There are systems which use an alternate, *resource transfer* model: parents in the tree must transfer resources to their child nodes, thus they cannot transfer more than they have themselves. This is easier to implement at the VM-level because only at the moment of transfer has to be checked if the parent has enough resources. However, inside the program running on the VM, it requires the parent program to include an explicit while loop around the subprocess invocation, if it has at this moment less resources than it wants to allocate to it (and has to refuel its child manually after it has been refueled itself). Therefore, the intentional model is more intuitive for the VM users.
Persistence and Portability
When it regains control, a parent process can serialize the child (and it's children recursively) into linear memory. All of the runtime state is inside that image, so the child can be sent to another machine and resumed there (compare with Stackless Python which also has that ability, but has no sandboxing mechanisms).
The VM was implemented in Python/RPython and Rust, the general principle also in a modified lis.py interpreter.

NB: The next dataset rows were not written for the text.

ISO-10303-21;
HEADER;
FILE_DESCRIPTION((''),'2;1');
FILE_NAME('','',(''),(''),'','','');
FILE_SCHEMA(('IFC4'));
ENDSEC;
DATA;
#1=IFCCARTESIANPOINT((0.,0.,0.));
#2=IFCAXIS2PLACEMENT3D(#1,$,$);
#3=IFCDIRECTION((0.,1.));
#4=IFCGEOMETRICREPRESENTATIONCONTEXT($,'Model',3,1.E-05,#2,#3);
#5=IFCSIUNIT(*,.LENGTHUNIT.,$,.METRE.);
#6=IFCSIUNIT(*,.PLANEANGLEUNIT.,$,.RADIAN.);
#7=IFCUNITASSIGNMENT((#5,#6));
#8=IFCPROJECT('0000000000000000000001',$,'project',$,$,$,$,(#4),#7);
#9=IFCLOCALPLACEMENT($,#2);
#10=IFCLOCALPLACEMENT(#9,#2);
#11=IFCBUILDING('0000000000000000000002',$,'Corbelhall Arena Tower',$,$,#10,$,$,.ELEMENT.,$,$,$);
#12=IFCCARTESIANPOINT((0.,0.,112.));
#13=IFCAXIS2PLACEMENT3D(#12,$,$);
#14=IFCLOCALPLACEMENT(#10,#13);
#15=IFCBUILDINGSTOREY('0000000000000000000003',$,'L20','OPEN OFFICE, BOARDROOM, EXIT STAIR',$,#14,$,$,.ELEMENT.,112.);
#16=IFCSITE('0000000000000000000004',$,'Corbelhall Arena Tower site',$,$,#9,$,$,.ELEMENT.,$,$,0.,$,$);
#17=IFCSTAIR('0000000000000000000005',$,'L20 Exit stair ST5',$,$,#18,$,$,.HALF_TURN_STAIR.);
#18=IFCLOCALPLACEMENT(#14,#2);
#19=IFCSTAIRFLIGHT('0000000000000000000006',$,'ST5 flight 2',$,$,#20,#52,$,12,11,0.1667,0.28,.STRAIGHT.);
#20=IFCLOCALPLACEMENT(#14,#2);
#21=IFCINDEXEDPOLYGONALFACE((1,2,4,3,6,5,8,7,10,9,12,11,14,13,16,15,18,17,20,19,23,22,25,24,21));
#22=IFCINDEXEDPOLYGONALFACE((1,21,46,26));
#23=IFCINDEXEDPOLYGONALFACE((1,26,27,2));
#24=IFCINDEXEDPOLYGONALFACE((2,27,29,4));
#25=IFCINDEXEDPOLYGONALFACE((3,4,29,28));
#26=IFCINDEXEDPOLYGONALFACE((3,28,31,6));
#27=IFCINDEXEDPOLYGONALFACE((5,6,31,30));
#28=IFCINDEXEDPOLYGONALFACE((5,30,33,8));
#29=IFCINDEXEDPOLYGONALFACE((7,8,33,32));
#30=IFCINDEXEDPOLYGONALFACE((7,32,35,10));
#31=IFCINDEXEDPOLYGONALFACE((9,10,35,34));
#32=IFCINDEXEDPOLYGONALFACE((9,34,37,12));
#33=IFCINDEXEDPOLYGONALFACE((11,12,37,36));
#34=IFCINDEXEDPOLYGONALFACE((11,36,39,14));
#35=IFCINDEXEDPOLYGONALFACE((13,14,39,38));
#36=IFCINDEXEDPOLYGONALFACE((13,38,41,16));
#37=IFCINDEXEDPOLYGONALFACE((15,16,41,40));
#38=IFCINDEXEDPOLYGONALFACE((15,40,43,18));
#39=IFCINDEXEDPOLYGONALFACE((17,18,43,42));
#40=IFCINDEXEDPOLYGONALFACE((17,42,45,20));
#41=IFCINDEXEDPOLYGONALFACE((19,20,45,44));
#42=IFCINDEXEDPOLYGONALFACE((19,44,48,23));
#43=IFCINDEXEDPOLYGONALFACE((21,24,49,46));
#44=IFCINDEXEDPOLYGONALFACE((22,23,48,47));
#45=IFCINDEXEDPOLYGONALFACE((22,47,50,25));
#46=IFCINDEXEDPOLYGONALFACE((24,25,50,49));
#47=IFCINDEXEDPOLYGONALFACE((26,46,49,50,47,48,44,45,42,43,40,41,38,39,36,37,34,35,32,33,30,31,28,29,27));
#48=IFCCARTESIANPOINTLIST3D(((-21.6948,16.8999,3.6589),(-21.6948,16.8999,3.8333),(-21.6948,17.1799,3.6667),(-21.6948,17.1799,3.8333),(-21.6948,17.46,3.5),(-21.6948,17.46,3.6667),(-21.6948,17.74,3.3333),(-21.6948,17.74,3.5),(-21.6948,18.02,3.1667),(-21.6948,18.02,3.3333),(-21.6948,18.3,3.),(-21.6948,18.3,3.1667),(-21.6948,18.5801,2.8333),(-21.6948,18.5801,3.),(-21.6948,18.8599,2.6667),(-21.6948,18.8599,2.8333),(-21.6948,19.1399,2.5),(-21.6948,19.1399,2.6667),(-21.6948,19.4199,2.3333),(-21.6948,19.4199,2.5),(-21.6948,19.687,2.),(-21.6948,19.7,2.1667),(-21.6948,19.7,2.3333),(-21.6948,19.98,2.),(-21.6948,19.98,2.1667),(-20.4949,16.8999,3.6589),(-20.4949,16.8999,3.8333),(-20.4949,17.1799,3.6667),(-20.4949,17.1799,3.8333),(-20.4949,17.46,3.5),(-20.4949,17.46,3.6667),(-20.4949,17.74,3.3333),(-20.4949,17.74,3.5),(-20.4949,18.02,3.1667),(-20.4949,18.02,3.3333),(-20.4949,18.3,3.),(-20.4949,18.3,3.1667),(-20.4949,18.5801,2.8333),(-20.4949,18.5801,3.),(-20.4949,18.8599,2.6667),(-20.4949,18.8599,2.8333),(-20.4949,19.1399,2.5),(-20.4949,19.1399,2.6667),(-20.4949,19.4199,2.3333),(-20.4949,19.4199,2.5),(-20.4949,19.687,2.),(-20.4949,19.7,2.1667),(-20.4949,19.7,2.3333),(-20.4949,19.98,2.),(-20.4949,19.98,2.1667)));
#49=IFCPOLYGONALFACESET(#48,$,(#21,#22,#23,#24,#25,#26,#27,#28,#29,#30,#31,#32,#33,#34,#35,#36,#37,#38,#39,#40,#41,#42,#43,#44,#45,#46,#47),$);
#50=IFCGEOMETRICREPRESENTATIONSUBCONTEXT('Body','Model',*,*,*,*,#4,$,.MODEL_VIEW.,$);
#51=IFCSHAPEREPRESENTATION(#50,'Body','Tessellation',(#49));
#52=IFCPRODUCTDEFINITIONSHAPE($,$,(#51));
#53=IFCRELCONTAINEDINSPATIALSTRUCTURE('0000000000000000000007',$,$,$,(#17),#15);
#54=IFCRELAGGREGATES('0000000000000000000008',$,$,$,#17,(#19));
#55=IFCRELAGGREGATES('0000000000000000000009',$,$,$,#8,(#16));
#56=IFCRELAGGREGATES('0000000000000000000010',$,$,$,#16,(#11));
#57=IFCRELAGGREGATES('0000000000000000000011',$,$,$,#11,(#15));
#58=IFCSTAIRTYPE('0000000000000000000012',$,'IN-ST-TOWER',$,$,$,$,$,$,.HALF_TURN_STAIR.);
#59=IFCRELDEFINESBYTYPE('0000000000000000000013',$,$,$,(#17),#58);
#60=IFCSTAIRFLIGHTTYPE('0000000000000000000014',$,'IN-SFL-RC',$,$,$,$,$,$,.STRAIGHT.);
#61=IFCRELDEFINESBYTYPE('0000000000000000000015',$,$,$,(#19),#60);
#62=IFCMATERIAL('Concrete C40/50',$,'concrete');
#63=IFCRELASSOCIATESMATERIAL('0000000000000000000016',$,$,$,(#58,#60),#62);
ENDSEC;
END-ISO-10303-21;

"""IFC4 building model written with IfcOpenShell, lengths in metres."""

from ifc_helpers import new_model, si_unit, direction, frame, origin, place, context, subcontext, project, spatial, polyline, outline, extrude, material, type_object, element, aggregate, save


model = new_model("IFC4")

# Units and contexts
model_context = context("Model", 3, precision=1e-05, world=origin(), true_north=direction((0.0, 1.0)))
body_context = subcontext(model_context, "Body", "Model", "MODEL_VIEW")
ifc_project = project(units=[si_unit("LENGTHUNIT", "METRE"), si_unit("PLANEANGLEUNIT", "RADIAN")], contexts=[model_context])

# Site, building, storey
site_placement = place(None, origin())
site = spatial("IfcSite", under=ifc_project, at=site_placement, Name="Corbelhall Arena Tower site", CompositionType="ELEMENT", RefElevation=0.0)
building_placement = place(site_placement, origin())
building = spatial("IfcBuilding", under=site, at=building_placement, Name="Corbelhall Arena Tower", CompositionType="ELEMENT")
storey_placement = place(building_placement, frame((0.0, 0.0, 112.0)))
storey = spatial("IfcBuildingStorey", under=building, at=storey_placement, Name="L20", Description="OPEN OFFICE, BOARDROOM, EXIT STAIR", CompositionType="ELEMENT", Elevation=112.0)

# Shared definitions
ifc_material_1 = material(Name="Concrete C40/50", Category="concrete")

# Stair, stair flight
stair_type = type_object("IfcStairType", Name="IN-ST-TOWER", PredefinedType="HALF_TURN_STAIR", material=ifc_material_1)
stair_placement = place(storey_placement, origin())
stair = element("IfcStair", 1, at=stair_placement, inside=storey, type_object=stair_type, Name="L20 Exit stair ST5", PredefinedType="HALF_TURN_STAIR")
stair_flight_type = type_object("IfcStairFlightType", Name="IN-SFL-RC", PredefinedType="STRAIGHT", material=ifc_material_1)
stair_flight_placement = place(storey_placement, frame((-21.095, 19.98, 2.0), z_axis=(0.0, 0.0, 1.0), x_axis=(0.0, -1.0, 0.0)))
stair_flight = element("IfcStairFlight", 2, at=stair_flight_placement, type_object=stair_flight_type, Name="ST5 flight 2", NumberOfRisers=12, NumberOfTreads=11, PredefinedType="STRAIGHT", RiserHeight=0.1667, TreadLength=0.28, context=body_context, shape_type="SweptSolid", body=[
    extrude(outline(polyline([(0.0, 0.0), (0.0, 0.1667), (0.28, 0.1667), (0.28, 0.3333), (0.5601, 0.3333), (0.5601, 0.5), (0.8401, 0.5), (0.8401, 0.6667), (1.1201, 0.6667), (1.1201, 0.8333), (1.3999, 0.8333), (1.3999, 1.0), (1.6799, 1.0), (1.6799, 1.1667), (1.96, 1.1667), (1.96, 1.3333), (2.24, 1.3333), (2.24, 1.5), (2.52, 1.5), (2.52, 1.6667), (2.8, 1.6667), (2.8, 1.8333), (3.0801, 1.8333), (3.0801, 2.0), (3.0801, 1.6589), (0.293, 0.0), (0.0, 0.0)])), frame((0.0, 0.6001, 0.0), z_axis=(0.0, -1.0, 0.0), x_axis=(1.0, 0.0, 0.0)), (0.0, 0.0, 1.0), 1.2),
])
aggregate(stair, [stair_flight])

save(model, "model.ifc")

The Rust implementation can be transpiled to WebAssembly using wasm-pack.
A high-level language called Entish compiles down to it.
Resource aware, recursive Sandboxing
What you can see here is the main process sandboxing the function f, limiting it to 50 virtual machine steps and a maximum of 50 additionally allocatable bytes, passing the command line input into it, running it and returning the result. This also works recursively, where f sandboxes another function, possibly even itself.

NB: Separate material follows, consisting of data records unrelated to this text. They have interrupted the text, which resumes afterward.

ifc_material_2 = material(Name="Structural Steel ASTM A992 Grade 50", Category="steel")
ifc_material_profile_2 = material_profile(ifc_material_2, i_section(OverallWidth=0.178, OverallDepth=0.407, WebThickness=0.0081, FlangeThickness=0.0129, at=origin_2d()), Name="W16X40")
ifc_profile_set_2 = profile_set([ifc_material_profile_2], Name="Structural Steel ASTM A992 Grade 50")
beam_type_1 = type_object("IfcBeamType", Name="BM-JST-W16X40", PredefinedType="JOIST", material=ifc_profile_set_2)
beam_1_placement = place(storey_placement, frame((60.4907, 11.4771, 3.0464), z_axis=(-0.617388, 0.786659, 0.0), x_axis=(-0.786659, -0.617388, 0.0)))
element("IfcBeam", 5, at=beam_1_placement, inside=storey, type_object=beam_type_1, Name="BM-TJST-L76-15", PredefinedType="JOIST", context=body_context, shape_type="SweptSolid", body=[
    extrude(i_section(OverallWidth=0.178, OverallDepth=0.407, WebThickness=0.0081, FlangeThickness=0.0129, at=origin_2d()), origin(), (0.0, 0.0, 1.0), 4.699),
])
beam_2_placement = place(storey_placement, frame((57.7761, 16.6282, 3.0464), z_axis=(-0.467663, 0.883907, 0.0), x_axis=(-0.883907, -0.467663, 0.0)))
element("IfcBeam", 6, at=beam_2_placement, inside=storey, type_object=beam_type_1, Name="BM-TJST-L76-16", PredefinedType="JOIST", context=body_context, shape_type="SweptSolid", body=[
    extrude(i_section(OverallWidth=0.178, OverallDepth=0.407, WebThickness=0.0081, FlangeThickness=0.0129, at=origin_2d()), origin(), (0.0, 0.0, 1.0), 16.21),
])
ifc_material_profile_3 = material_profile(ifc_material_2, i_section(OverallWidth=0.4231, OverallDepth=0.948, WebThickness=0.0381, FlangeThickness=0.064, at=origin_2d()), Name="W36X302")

# This function will be sandboxed def f(x): return x + 1 # Infinite loop while: # Returns the result of applying f to the input # f is sandboxed and limited to run 50 instructions # and use a maximum of 50 additional words of memory yield f<50,50>($arg(0))
Since the effects of process execution can be arbitrarily limited, it is safe to generate random programs and execute them. Thanks to the accounting mechanisms, resource efficient programs can be given an evolutionary advantage.
Cooperative resource sharing between devices
Different combinations of cooperation may be possible, in terms of space:
- between processes on the same device
- only on the local network
- on the internet
in terms of ownership of these devices:
- between your devices
- between your and your friends devices
- between your and strangers devices
and in terms of mutual accounting:
- no accounting
- instant or contractually agreed upon payment
When a (sub)process has run out of time or memory, its snapshot can be written to a file or sent to another computer. The process can 'jump' between systems. This is known as Code/Agent mobility. A process snapshot can be "refueled" and then resumed.
The next step is implementing capability security mechanisms.
It is heavily inspired by the KeyKOS and Genode operating systems, the E language, Stackless Python and a few more.
There seem to be more and more systems that are going into this direction, so maybe I'll build on top of a better engineered one when it emerges. A prime candidate seems to be the Life WebAssembly VM, which already provides resource tracking and external environment isolation and can be easily extended to allow for full runtime state serialization. Calling untrusted code by creating a new VM instance would have to be managed externally however, as the Wasm ISA is not designed to allow isolation *within* a single VM.